For most users, an Excel-list of identified proteins is usually sufficient, with an accession number to an appropriate database (e.g. Uniprot). However, we can provide much more than that, including sequences of identified peptides, peptide scores, sequence coverage, position of the peptide in the protein, annotated spectra for all peptides, etc. The latter may be required by some journals if you report identification of PTMs. Everything is however present in the Scaffold file that we will send you for results. In addition, we provide details on protein and peptide quantification, either using label-free or stable isotope-labeling approaches.
For protein identification and PTM analysis, you will be provided with a Scaffold file that resume the majority of the information. We are happy to help you in learn how to use it. For protein quantitation via MaxQuant (SILAC and Label Free) you will receive an excel file with significant up/down regulated proteins, all proteins quantified and a volcano-plot or Christmas three representation of your results. For Targeted proteomics you will receive an excel file with peptides/protein quantification. You will receive a detailed email with results of the analysis and a powerpoint to graphically explain how we process your samples. Please contact us for further information about this.

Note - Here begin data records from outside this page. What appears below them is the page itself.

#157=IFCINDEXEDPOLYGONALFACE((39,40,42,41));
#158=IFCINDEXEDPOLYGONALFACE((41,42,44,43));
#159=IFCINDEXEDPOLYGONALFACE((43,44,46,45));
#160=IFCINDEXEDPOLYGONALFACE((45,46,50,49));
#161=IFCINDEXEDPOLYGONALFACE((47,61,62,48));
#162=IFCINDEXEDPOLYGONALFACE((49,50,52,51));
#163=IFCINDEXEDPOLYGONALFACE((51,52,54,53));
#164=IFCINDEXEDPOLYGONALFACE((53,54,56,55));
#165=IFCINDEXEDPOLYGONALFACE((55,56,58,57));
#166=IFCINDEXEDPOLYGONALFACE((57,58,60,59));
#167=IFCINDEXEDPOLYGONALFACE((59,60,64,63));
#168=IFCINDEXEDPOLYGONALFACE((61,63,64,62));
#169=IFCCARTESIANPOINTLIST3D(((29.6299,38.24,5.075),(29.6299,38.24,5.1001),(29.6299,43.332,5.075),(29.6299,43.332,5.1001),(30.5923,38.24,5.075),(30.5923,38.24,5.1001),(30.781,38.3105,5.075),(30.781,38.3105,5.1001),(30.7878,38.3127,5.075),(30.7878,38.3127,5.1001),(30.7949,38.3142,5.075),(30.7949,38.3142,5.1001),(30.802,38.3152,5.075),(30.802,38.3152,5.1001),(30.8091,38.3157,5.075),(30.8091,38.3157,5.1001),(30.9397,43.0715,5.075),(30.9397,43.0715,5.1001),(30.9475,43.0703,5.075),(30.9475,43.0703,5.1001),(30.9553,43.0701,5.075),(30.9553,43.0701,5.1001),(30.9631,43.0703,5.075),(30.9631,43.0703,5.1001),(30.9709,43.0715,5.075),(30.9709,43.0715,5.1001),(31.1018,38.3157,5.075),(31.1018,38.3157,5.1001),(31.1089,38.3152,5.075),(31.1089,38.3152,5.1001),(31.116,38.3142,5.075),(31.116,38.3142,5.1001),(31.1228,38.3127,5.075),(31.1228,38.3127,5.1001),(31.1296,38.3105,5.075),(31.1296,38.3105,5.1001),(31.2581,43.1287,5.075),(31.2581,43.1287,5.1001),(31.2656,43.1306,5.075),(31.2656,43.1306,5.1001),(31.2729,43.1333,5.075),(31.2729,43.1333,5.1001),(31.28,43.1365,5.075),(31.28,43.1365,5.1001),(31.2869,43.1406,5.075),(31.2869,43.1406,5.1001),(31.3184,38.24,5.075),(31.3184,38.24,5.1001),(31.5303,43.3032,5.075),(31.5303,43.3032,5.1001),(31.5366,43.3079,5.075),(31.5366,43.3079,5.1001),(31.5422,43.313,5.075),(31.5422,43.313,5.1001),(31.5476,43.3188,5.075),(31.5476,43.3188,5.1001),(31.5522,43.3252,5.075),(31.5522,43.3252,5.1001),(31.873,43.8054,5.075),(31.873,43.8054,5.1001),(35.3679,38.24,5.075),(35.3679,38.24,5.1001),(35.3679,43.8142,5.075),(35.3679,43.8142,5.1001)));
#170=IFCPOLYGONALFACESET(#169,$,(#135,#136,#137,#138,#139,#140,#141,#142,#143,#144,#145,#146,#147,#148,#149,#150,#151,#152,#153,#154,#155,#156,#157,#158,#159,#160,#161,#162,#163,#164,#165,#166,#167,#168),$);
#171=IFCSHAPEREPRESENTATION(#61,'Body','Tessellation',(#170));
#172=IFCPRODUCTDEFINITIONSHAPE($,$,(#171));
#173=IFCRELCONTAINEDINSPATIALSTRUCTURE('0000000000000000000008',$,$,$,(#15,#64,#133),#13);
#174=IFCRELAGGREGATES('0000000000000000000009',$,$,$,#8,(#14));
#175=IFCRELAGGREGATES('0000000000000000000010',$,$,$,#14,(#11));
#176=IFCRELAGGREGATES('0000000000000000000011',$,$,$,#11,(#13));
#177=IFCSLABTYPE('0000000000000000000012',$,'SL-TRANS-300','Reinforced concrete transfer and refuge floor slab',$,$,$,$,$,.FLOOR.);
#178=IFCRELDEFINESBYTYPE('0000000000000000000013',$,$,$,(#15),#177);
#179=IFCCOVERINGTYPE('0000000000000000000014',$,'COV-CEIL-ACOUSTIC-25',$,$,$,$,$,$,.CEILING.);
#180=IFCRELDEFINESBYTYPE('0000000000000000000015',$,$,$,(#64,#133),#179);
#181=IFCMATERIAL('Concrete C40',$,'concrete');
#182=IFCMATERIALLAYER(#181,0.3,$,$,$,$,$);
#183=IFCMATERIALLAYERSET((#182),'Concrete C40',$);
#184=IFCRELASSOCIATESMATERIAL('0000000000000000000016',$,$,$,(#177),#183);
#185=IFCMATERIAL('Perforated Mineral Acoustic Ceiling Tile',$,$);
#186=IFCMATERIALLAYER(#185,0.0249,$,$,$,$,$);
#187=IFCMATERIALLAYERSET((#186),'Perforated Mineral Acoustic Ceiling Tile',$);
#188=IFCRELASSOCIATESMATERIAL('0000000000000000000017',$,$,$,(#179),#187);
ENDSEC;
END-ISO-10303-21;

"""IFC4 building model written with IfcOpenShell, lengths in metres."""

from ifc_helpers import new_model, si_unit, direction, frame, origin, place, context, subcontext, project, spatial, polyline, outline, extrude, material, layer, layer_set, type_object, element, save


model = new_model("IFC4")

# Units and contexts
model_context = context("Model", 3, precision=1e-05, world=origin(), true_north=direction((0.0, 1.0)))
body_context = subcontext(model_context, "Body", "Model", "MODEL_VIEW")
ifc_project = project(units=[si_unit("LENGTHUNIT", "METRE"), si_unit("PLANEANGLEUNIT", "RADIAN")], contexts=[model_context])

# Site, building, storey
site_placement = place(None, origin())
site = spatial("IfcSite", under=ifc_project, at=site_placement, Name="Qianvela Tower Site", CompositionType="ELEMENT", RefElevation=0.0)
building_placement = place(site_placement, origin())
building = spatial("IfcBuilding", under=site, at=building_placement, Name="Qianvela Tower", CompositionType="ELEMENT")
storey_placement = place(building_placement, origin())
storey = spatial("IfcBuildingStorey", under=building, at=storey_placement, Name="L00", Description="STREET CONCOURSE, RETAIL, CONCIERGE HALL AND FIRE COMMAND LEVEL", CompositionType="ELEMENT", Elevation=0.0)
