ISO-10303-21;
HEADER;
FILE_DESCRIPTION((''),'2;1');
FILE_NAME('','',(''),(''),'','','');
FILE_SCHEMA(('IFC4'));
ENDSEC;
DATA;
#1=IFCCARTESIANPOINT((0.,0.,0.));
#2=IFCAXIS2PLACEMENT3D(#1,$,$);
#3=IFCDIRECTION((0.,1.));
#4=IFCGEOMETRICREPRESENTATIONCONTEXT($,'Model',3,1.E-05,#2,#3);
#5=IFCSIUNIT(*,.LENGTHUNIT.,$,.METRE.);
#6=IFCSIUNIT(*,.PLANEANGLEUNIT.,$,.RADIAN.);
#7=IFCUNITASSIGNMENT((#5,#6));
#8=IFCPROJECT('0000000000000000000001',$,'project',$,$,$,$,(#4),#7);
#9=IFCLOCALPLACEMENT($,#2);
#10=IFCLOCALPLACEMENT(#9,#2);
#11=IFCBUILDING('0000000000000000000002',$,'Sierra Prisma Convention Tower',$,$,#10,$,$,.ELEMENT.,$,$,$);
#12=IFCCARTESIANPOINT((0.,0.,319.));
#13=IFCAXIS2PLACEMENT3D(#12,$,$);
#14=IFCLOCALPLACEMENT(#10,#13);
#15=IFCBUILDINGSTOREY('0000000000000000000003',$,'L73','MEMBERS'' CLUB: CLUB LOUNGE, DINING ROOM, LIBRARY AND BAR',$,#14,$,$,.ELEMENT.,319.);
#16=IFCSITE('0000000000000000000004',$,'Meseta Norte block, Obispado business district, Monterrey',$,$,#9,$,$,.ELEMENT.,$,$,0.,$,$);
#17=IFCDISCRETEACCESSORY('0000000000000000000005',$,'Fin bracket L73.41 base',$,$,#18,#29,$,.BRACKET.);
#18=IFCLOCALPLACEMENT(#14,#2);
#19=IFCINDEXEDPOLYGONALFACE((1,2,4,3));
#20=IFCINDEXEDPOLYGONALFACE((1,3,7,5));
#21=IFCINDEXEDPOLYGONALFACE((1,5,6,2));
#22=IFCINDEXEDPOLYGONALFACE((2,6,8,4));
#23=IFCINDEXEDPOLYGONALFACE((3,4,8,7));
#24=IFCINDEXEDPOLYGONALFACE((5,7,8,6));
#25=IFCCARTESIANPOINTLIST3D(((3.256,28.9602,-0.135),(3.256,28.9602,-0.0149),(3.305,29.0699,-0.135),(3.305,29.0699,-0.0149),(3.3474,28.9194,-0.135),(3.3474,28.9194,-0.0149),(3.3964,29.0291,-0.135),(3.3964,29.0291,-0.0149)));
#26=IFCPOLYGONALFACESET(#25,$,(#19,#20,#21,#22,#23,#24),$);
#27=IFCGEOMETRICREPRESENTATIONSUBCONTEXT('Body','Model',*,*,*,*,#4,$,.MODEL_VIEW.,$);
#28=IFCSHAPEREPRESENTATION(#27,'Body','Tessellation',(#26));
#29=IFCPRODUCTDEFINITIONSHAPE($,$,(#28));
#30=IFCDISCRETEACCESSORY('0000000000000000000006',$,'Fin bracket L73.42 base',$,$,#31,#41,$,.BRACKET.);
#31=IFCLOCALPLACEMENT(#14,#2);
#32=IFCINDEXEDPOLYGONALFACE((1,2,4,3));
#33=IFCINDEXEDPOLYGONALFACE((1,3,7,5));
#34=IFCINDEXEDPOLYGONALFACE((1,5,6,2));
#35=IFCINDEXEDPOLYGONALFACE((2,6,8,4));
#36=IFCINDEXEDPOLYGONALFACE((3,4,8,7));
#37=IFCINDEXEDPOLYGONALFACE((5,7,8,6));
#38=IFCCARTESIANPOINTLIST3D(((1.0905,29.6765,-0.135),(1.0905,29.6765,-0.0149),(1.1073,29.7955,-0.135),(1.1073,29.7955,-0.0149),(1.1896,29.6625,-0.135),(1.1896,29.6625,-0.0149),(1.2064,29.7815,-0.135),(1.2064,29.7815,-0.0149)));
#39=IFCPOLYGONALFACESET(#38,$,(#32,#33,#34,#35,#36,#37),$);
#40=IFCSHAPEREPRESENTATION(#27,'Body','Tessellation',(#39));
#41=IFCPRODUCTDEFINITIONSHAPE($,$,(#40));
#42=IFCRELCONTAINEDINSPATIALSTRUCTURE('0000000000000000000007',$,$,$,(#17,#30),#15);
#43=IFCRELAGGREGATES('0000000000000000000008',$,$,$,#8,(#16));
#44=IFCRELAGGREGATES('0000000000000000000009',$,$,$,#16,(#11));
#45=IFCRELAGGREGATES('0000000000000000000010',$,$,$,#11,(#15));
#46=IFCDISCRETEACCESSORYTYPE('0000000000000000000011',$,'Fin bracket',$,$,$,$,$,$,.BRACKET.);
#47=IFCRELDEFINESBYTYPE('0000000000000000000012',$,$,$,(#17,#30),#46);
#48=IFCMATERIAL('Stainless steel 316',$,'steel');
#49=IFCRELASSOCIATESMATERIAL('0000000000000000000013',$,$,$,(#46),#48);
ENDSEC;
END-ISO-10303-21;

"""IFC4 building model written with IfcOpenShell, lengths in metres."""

from ifc_helpers import new_model, si_unit, direction, frame, origin, origin_2d, place, context, subcontext, project, spatial, rectangle, extrude, material, type_object, element, save


model = new_model("IFC4")

# Units and contexts
model_context = context("Model", 3, precision=1e-05, world=origin(), true_north=direction((0.0, 1.0)))
body_context = subcontext(model_context, "Body", "Model", "MODEL_VIEW")
ifc_project = project(units=[si_unit("LENGTHUNIT", "METRE"), si_unit("PLANEANGLEUNIT", "RADIAN")], contexts=[model_context])

# Site, building, storey
site_placement = place(None, origin())
site = spatial("IfcSite", under=ifc_project, at=site_placement, Name="Meseta Norte block, Obispado business district, Monterrey", CompositionType="ELEMENT", RefElevation=0.0)
building_placement = place(site_placement, origin())
building = spatial("IfcBuilding", under=site, at=building_placement, Name="Sierra Prisma Convention Tower", CompositionType="ELEMENT")
storey_placement = place(building_placement, frame((0.0, 0.0, 319.0)))
storey = spatial("IfcBuildingStorey", under=building, at=storey_placement, Name="L73", Description="MEMBERS' CLUB: CLUB LOUNGE, DINING ROOM, LIBRARY AND BAR", CompositionType="ELEMENT", Elevation=319.0)

# Discrete accessories
ifc_material_1 = material(Name="Stainless steel 316", Category="steel")
discrete_accessory_type = type_object("IfcDiscreteAccessoryType", Name="Fin bracket", PredefinedType="BRACKET", material=ifc_material_1)
for number, where, z_axis, x_axis, name in (
    (1, (3.3262, 28.9946, -0.135), (0.0, 0.0, 1.0), (0.407693, 0.913119, 0.0), "Fin bracket L73.41 base"),
    (2, (1.1484, 29.729, -0.135), (0.0, 0.0, 1.0), (0.139519, 0.990219, 0.0), "Fin bracket L73.42 base"),
):
    element("IfcDiscreteAccessory", number, at=place(storey_placement, frame(where, z_axis=z_axis, x_axis=x_axis)), inside=storey, type_object=discrete_accessory_type, Name=name, PredefinedType="BRACKET", context=body_context, shape_type="SweptSolid", body=[
        extrude(rectangle(XDim=0.1201, YDim=0.1001, at=origin_2d()), origin(), (0.0, 0.0, 1.0), 0.1201),
    ])

save(model, "model.ifc")
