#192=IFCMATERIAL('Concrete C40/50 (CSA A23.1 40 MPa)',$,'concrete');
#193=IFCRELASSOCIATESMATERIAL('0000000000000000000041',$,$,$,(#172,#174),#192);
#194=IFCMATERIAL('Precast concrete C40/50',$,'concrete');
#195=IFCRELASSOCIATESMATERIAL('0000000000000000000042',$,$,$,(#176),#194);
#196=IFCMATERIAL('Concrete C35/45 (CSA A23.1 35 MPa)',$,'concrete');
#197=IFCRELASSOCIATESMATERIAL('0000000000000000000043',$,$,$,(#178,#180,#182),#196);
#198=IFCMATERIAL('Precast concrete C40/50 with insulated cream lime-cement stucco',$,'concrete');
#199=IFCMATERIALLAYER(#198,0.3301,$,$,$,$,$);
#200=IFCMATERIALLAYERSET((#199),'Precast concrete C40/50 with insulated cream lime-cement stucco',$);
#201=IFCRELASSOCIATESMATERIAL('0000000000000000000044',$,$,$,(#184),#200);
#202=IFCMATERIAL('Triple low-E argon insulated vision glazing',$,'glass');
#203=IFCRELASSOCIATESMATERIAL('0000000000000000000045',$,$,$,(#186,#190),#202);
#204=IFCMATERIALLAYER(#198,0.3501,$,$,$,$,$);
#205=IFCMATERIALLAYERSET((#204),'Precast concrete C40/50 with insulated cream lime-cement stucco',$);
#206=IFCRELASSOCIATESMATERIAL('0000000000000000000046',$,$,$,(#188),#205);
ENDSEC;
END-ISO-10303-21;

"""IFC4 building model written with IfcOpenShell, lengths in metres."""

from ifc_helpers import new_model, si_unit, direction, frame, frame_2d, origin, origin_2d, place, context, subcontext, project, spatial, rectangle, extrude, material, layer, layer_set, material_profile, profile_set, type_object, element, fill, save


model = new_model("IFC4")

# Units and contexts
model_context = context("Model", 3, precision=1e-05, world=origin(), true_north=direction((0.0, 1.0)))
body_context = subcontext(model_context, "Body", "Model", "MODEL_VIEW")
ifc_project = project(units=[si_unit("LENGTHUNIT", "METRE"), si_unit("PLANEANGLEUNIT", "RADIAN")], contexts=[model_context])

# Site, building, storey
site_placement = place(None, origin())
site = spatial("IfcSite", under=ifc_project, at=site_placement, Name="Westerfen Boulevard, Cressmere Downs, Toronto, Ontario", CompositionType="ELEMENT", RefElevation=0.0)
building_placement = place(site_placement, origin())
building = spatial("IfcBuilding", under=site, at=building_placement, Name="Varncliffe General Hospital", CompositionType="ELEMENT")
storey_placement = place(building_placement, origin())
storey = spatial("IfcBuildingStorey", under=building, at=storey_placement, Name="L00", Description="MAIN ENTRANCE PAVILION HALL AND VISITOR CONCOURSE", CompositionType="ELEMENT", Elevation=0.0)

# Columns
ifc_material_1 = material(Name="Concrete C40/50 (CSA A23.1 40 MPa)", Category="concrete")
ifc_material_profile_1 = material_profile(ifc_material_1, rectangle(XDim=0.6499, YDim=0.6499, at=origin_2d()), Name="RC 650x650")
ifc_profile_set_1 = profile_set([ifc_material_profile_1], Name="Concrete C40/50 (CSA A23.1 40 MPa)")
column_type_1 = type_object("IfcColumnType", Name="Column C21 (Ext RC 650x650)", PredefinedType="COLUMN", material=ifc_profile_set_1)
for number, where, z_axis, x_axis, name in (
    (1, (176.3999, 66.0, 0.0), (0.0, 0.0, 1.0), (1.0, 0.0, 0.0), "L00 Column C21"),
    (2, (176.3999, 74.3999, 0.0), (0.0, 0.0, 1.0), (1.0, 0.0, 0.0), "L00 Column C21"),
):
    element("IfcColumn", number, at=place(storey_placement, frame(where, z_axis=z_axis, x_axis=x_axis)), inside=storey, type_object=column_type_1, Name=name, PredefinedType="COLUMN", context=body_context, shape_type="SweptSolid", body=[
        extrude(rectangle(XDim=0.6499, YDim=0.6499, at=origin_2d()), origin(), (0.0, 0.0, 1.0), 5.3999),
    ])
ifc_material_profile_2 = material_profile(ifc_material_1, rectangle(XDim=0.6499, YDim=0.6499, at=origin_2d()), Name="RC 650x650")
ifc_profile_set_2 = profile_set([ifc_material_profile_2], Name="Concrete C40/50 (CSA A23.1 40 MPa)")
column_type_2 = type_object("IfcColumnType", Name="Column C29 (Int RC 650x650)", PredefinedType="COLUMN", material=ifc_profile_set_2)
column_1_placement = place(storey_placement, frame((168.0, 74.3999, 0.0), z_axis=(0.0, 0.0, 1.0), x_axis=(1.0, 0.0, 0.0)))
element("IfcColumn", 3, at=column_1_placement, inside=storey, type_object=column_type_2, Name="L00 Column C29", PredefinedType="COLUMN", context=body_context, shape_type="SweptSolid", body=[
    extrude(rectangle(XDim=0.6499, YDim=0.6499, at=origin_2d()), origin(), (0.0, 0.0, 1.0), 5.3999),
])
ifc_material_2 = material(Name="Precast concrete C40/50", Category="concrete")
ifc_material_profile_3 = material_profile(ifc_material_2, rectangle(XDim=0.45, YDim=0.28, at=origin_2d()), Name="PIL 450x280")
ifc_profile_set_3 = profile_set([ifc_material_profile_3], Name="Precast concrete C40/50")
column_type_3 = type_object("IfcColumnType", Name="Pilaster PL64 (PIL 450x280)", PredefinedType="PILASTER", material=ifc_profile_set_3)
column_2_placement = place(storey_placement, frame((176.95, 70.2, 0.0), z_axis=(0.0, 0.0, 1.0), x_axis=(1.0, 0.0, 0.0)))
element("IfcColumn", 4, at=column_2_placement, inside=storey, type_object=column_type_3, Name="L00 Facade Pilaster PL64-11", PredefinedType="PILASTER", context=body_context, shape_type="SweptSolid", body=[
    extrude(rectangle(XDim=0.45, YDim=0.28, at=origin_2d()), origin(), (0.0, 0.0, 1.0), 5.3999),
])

We aim to return data within 1 week of sample receipt for protein identification and in maximum 3 weeks for protein quantification and PTM analysis.
Please contact us for costs, as these will vary from project to projects depending on instrumentation used and analysis requirements.
This can happen only in very specific circumstances, sorry. In order to provide a high quality facility, it is essential that we limit access to the instrumentation to a handful of expert users.